1.3 Objectives of the Study

The major objective of the study is to investigate the role of customers’ complaints management in the sales performance in the banking industry, a case study of First Bank Asaba, Delta state. The specific objectives include to:

1) Measure how ease of complaints lodging (accessibility) affects sales performance of banks in First Bank Asaba Delta state.

2) Examine the effect of swift response to complaints (responsiveness) on sales performance of banks in the banking industry.

3) Determine the effect of adequate service recovery after complaint (integration) on sales performance of banks in First Bank Asaba.

1.4 Research Hypotheses

Ho1: There is a significant correlation between ease of customer complaints lodgment (accessibility) and sales performance in the banking industry.
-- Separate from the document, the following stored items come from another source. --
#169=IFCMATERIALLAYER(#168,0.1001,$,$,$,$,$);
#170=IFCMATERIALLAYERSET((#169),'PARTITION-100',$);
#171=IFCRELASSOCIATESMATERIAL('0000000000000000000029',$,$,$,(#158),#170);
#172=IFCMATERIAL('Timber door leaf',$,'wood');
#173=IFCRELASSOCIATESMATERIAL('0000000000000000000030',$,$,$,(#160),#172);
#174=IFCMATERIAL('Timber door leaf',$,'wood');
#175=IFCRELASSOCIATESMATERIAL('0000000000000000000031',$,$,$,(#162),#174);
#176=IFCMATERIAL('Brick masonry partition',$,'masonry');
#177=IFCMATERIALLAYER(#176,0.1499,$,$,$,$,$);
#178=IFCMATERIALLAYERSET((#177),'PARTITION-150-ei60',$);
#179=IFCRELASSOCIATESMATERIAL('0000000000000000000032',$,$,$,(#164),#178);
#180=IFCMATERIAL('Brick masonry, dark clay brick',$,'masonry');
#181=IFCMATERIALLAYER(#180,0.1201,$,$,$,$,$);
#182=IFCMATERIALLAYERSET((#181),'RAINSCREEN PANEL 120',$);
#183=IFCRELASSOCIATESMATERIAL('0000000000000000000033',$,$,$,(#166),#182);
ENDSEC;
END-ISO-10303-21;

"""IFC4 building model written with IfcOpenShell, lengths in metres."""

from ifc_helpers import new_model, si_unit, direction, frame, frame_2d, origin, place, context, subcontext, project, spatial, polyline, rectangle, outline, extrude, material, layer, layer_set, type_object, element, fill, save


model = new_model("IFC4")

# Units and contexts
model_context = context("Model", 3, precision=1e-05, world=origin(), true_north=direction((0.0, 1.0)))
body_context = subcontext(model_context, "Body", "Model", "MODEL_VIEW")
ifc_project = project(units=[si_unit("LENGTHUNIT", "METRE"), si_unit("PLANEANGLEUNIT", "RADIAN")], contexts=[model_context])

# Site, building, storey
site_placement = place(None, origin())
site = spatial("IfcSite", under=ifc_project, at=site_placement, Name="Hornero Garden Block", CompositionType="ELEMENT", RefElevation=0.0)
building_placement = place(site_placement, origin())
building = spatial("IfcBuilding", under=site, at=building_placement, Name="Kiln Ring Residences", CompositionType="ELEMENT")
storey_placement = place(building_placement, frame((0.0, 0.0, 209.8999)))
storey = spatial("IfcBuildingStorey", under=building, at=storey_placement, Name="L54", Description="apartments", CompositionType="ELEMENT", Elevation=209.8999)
Ho2: Swift response to customer complaints (responsiveness) has significantly affect sales performance of First Bank Asaba.

1.5 Scope of the Study

The study covers First bank Asaba, Delta state. The unit of analysis is the customers of First bank. Customers were chosen in the present study given the need to explore the relationship between complaint management and marketing performance from the lenses of bank customer.

1.6 Significance of the study

This study will look intensively on the role of customers’ complaints management in sales performance in the banking industry (a case study of first bank Asaba Delta State). It will be beneficial to stakeholders in the educational sector such as teachers, parents, students, school management, and ministries of education, educational researchers, and the society at large.

        This study is essential for several reasons: It contributes to an understanding of the current state of the banking sector in the country, providing insights into whether the role of customers’ complaints management has positively or negatively impacted the sales performance of banks in Nigeria. The study sheds light on the specific impacts of good and poor customers’ complaints management on Nigerian banks. The study can serve as a valuable resource for students, scholars seeking to research more on the topic in question. The recommendations in the study will enhance good banking practices.

Similarly, it is hoped that the results of this study will provide an insight to Nigerians banks to improve sales performance in banks.